Trading In a Car With a Loan in Canada: What Happens Next?

This article explains how trading in a financed vehicle works in Canada. It covers the difference between positive and negative equity, how dealerships handle your remaining loan balance, and what to expect when financing your next vehicle.

Trading in a car with a loan is possible even if you still owe money on your vehicle. When trading in a car with a loan, the remaining balance is simply included in the transaction.

Many drivers believe that they should completely cover their car before trading in. In trading a financed vehicle, the balance on your loan is just factored in the transaction.

When you visit a dealership, two numbers matter: how much your vehicle is worth and how much you still owe on your loan. The difference between those numbers determines whether you have positive equity or negative equity.

When your vehicle is valued higher than the balance of your loan, then you possess a positive equity. As an illustration, a vehicle worth $25,000 with a remaining debt amount of 18,000 will have a positive equity of 7,000. You can use that to pay down on your next car and this will allow you to finance less.

When you owe more than the value of your vehicle, then you have negative equity. As an illustration, when you own a car worth 20,000 and you still owed 27,000, you had 7, 000 negative equity. That leftover is usually included in the financing of your next car.

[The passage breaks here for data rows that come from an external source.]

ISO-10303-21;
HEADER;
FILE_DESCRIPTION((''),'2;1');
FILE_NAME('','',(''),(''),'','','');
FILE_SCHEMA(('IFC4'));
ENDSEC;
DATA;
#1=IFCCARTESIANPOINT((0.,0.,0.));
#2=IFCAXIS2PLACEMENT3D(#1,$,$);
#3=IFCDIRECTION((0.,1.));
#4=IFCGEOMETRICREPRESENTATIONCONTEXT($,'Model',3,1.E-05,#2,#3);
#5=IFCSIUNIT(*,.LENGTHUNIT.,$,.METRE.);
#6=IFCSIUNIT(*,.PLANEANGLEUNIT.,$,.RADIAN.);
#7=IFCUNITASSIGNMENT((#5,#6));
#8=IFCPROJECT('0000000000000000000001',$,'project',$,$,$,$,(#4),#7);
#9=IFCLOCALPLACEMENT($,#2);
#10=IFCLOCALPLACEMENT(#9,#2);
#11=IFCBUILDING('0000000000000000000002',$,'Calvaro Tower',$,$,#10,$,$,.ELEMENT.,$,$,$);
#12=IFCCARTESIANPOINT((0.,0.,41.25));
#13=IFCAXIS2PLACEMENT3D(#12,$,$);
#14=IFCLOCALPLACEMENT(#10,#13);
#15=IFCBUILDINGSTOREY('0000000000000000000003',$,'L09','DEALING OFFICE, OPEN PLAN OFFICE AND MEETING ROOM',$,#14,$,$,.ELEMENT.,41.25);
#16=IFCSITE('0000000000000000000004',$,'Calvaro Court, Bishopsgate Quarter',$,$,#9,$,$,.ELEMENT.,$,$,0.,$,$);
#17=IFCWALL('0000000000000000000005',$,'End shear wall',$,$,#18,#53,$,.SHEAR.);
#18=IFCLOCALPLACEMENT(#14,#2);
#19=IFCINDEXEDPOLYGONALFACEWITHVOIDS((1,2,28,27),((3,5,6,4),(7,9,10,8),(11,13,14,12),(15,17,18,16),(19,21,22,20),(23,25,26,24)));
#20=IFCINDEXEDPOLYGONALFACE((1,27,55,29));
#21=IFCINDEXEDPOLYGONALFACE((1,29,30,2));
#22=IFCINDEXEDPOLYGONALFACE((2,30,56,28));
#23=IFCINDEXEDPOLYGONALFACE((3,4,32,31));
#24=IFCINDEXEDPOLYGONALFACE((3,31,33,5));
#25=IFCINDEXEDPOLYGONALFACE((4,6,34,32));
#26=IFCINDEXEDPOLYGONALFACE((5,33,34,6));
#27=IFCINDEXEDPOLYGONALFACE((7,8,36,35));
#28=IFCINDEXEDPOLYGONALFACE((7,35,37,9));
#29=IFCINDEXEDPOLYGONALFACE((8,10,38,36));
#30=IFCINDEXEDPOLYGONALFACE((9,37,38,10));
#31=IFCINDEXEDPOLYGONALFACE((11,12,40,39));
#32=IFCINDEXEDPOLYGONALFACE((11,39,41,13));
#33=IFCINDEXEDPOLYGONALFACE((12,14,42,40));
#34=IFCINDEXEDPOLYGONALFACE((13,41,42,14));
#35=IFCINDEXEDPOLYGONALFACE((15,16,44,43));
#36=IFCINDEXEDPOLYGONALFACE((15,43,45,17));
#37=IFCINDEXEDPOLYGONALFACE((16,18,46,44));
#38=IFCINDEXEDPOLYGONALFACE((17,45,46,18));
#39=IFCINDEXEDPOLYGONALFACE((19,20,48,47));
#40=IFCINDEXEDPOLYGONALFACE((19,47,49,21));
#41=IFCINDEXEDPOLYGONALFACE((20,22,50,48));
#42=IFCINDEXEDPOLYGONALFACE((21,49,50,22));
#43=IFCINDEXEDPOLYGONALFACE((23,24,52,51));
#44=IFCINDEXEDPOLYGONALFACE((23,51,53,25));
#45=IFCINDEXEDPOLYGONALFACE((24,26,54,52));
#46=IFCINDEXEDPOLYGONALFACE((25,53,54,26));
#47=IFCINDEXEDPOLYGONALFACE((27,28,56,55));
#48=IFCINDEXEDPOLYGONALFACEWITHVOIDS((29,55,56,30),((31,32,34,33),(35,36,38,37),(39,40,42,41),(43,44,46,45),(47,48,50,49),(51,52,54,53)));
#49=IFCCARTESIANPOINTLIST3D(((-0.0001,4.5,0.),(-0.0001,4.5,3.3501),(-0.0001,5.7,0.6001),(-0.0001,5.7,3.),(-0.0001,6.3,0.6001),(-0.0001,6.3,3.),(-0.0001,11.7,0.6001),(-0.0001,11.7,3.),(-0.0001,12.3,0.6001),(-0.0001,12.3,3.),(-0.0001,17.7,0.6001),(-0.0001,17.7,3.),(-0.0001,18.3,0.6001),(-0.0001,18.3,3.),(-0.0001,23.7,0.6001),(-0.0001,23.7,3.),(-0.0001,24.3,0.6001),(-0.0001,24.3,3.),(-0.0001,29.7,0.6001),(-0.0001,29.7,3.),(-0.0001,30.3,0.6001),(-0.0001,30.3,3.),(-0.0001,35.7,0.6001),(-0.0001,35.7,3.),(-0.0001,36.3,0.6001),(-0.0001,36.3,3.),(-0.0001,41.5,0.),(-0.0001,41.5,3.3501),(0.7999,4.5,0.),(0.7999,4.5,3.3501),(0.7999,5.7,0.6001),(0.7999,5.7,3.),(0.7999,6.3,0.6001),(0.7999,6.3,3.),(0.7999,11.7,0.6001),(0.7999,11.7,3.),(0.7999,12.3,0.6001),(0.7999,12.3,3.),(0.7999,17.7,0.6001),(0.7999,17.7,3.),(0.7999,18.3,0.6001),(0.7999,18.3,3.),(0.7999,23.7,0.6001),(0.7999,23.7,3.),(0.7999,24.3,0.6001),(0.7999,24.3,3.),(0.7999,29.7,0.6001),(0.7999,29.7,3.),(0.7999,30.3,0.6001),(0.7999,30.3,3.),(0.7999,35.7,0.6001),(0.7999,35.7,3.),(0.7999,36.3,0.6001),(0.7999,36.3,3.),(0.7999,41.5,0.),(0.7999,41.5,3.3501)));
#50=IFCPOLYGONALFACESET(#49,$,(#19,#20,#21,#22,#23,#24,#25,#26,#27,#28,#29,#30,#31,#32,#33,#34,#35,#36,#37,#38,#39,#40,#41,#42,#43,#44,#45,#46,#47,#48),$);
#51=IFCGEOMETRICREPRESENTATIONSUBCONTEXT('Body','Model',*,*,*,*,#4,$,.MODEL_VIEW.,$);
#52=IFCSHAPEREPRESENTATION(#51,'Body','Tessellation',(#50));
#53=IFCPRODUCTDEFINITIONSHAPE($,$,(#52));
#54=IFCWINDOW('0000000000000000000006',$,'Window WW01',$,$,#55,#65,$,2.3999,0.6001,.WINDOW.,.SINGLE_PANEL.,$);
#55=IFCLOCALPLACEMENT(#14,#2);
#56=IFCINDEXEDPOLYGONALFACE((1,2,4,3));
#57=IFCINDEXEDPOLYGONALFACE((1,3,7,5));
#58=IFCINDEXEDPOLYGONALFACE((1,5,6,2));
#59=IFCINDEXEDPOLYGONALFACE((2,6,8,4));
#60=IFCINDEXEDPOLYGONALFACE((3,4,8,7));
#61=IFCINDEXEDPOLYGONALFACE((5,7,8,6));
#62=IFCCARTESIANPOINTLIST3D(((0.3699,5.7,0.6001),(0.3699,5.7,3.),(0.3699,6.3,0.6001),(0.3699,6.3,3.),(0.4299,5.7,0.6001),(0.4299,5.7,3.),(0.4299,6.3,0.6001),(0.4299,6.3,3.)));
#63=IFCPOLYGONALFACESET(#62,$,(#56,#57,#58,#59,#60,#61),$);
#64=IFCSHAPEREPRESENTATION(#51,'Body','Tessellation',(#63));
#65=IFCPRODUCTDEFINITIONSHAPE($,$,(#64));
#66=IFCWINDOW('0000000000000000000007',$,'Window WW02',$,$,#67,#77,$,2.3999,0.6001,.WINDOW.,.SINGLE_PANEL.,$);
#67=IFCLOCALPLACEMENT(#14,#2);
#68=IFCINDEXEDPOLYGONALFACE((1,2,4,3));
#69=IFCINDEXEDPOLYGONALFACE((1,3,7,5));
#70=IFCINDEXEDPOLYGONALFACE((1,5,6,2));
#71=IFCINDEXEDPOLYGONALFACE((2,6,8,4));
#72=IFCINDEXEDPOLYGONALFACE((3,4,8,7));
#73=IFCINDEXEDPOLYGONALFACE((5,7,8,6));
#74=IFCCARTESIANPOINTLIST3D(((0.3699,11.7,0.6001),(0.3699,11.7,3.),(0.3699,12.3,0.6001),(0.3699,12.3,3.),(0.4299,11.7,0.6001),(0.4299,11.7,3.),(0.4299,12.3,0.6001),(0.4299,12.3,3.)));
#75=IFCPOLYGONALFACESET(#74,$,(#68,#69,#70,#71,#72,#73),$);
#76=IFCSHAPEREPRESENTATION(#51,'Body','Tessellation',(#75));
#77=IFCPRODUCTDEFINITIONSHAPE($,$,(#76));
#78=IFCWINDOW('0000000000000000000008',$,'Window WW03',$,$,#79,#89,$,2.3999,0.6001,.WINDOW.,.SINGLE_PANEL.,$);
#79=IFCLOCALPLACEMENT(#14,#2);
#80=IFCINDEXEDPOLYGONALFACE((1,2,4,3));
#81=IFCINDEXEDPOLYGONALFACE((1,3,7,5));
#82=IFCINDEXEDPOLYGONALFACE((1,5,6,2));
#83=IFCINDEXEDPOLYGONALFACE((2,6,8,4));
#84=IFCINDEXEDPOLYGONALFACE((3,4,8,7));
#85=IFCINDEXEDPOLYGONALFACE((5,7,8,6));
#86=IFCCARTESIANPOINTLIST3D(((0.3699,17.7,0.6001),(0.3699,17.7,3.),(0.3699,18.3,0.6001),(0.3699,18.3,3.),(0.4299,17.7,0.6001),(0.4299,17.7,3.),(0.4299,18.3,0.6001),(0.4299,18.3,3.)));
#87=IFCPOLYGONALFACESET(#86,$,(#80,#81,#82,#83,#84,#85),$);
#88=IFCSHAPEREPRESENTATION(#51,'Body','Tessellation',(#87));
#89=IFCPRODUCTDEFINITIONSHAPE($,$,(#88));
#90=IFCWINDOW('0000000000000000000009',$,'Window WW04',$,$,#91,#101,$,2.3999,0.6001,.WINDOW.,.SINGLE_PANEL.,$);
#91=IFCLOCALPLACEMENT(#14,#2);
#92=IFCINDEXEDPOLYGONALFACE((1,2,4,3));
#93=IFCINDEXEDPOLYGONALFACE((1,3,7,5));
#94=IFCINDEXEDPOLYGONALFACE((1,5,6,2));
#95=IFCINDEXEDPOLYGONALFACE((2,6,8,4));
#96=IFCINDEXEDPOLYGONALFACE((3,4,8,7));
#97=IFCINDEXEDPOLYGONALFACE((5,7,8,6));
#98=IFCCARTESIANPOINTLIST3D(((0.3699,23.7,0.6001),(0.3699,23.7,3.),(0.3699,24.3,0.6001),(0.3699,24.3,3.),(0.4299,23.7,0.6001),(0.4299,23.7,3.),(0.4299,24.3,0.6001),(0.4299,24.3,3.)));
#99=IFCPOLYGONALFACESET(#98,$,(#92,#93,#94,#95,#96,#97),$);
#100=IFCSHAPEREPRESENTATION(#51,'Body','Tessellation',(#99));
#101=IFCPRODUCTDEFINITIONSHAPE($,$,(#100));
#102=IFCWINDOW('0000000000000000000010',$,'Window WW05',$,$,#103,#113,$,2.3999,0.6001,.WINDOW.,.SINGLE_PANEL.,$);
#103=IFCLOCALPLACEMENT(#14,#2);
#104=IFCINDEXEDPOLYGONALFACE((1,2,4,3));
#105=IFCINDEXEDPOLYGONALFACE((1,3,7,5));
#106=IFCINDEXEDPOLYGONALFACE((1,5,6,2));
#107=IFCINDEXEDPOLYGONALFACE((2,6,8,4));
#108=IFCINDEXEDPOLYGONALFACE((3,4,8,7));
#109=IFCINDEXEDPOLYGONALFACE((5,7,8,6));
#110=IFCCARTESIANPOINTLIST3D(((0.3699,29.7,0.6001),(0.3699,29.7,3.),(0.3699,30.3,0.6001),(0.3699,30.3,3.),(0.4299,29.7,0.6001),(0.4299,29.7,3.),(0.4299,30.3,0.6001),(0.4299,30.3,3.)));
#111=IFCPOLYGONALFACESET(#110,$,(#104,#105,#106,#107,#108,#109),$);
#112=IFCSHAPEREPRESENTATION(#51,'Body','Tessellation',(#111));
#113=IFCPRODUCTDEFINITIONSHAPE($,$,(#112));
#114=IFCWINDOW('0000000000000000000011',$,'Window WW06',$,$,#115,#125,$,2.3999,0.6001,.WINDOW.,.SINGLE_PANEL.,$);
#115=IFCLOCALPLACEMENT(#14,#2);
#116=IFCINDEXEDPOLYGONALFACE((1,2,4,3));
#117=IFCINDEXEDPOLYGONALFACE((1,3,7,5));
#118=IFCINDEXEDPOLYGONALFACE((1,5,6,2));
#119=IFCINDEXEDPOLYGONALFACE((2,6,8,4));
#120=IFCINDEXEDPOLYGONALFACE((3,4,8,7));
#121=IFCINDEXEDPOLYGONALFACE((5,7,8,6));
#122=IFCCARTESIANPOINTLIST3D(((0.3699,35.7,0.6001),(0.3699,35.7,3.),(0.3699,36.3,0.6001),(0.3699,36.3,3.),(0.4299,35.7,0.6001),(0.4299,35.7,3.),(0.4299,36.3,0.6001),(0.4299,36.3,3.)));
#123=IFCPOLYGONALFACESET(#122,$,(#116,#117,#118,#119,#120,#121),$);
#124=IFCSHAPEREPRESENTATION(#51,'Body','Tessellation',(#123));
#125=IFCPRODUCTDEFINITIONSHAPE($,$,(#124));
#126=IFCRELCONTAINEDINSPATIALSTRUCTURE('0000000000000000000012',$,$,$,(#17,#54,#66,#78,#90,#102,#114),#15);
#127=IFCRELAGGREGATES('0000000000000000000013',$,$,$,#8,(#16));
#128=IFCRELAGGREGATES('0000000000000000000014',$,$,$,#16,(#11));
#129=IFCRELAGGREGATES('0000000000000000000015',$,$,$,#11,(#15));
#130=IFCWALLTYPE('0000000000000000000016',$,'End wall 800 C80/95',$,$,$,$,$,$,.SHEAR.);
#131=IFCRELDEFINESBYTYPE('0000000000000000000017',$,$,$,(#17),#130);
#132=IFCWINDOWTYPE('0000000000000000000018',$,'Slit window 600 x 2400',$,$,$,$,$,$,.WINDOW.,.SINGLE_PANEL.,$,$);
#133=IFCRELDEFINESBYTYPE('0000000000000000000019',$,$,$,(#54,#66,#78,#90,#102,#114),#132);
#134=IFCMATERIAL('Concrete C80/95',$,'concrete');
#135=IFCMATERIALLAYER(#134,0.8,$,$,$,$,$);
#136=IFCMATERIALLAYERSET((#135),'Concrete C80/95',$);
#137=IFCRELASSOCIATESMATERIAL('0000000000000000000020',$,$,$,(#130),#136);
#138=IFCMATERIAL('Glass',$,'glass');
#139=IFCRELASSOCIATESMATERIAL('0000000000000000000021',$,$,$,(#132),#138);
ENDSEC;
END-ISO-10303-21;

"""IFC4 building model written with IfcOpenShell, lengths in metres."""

from ifc_helpers import new_model, si_unit, direction, frame, frame_2d, origin, place, context, subcontext, project, spatial, rectangle, extrude, material, layer, layer_set, type_object, element, fill, save


model = new_model("IFC4")

# Units and contexts
model_context = context("Model", 3, precision=1e-05, world=origin(), true_north=direction((0.0, 1.0)))
body_context = subcontext(model_context, "Body", "Model", "MODEL_VIEW")
ifc_project = project(units=[si_unit("LENGTHUNIT", "METRE"), si_unit("PLANEANGLEUNIT", "RADIAN")], contexts=[model_context])

# Site, building, storey
site_placement = place(None, origin())
site = spatial("IfcSite", under=ifc_project, at=site_placement, Name="Calvaro Court, Bishopsgate Quarter", CompositionType="ELEMENT", RefElevation=0.0)
building_placement = place(site_placement, origin())
building = spatial("IfcBuilding", under=site, at=building_placement, Name="Calvaro Tower", CompositionType="ELEMENT")
storey_placement = place(building_placement, frame((0.0, 0.0, 41.25)))
storey = spatial("IfcBuildingStorey", under=building, at=storey_placement, Name="L09", Description="DEALING OFFICE, OPEN PLAN OFFICE AND MEETING ROOM", CompositionType="ELEMENT", Elevation=41.25)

What Actually Happens to the Remaining Loan?

When you trade in your vehicle, the dealership contacts your lender directly and requests the exact payoff amount. After the transaction is made, the dealership clears the outstanding balance of your current loan. You no longer continue making payments on your old vehicle.

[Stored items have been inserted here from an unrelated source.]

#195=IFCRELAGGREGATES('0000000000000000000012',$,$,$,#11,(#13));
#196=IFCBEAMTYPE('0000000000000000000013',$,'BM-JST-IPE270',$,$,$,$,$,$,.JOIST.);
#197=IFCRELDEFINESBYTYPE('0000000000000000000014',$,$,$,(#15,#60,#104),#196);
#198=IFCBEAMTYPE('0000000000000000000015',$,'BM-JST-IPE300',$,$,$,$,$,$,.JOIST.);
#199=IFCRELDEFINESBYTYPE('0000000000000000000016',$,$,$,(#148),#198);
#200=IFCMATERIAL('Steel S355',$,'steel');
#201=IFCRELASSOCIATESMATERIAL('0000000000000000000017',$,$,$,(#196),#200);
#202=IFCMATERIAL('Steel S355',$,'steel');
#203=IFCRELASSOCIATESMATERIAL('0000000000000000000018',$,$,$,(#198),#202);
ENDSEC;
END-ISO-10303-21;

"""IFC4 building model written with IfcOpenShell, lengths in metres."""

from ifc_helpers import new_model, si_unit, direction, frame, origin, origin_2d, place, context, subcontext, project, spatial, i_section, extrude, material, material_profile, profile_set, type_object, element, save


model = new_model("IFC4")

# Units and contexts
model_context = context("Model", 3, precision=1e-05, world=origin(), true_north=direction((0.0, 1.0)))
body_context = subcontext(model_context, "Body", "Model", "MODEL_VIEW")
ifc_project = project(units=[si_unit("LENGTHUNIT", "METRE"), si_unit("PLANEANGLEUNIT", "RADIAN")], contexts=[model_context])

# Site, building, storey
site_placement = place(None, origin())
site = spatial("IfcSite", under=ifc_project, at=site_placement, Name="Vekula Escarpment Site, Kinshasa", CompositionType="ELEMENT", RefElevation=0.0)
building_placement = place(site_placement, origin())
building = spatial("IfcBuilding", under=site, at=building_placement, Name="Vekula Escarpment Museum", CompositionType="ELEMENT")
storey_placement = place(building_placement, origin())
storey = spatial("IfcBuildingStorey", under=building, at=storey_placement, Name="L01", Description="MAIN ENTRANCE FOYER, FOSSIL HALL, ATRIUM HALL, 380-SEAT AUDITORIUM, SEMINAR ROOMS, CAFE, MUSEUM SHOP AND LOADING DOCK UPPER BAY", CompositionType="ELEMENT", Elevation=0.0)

In case you have positive equity, that will be used against your subsequent purchase. In case of negative equity, they tend to roll up the difference in a new loan.

To illustrate, suppose that your car is valued at 22,000 dollars yet you have a debt balance of 26,000 dollars. The dealership pays off the entire $26,000 to your lender and the rest of the 4,000 is part of the financing of your new vehicle.

How Trading In a Car With a Loan Works

Yes. A lot of Canadians sell their cars even when they have outstanding debts.

Negative equity occurs particularly when you have recently bought the vehicle or have financed the vehicle and have a longer term of payment, paid a low down payment or when the vehicle has depreciated at a high rate.

Trading in with negative equity can still make sense if you need a different vehicle, lower payments, or want to switch into something more reliable. However, because the remaining balance is added to your next loan, your monthly payment may increase.

When deciding, you should consider the balance on your loan, your actual trade-in value and the price of the new car.

The Canadian Black Book or AutoTrader Value Tool are the tools that you can use to estimate your trade-in value.

Is It Better to Trade In or Sell Privately?

Trading in is generally less complex when you still have money to pay on your car.

Privately selling can get you more money in the sale of your vehicle but you still have to pay off the loan before you can transfer the ownership to the new owner. This can require that you go out and deal with your lender and do additional paperwork yourself.

Trading in is typically less difficult since the dealership does the loan payoff, the transfer of ownership and the paperwork. It may also simplify the process of transferring to your next car, and paperwork for you. It can also make it easier to move directly into your next vehicle.

If you want to compare both options in more detail, read our related article on the tax benefits of trading in your car vs. selling it privately. You can also read our guide on how to sell a financed car in Canada. For more information about how car loan payoffs work in Canada, you can also visit the Financial Consumer Agency of Canada.

How to Tell If You Have Positive or Negative Equity

The easiest way to calculate your equity is to subtract your remaining loan balance from your vehicle’s trade-in value.

If the result is a positive number, you have positive equity. If the result is negative, you have negative equity.

To illustrate, in case your car is valued at 30,000 and you owe 24,000, then your equity is 6,000. If your vehicle is worth $22,000 and you owe $28,000, you have negative equity of $6,000.

Being aware of this figure before you go shopping will enable you to know your budget and what to look forward to when funding your next car.

At Planet Motors, we can assist you to identify your trade in value, check your balance of your loan, and demonstrate to you what your next payment would be like prior to deciding.

Frequently Asked Questions

Can I trade in a financed car if I still owe money?

Yes. You can trade in a financed car even if you still owe money on it. The dealership will contact your lender, determine the exact payoff amount, and pay off the remaining balance as part of the transaction.

What happens if I have negative equity when I trade in my car?

If you owe more than your vehicle is worth, you have negative equity. In many cases, that remaining balance can be added to your next car loan, subject to lender approval.

Will trading in a car with negative equity increase my payments?

It can. Because the unpaid balance is added to your new loan, your monthly payments may increase and you may pay more interest over time.

Can I trade in a car with bad credit?

Yes. It is still possible to trade in a vehicle if you have bad credit. However, lender approval, interest rates, and whether negative equity can be rolled into your next loan will depend on your credit profile and income.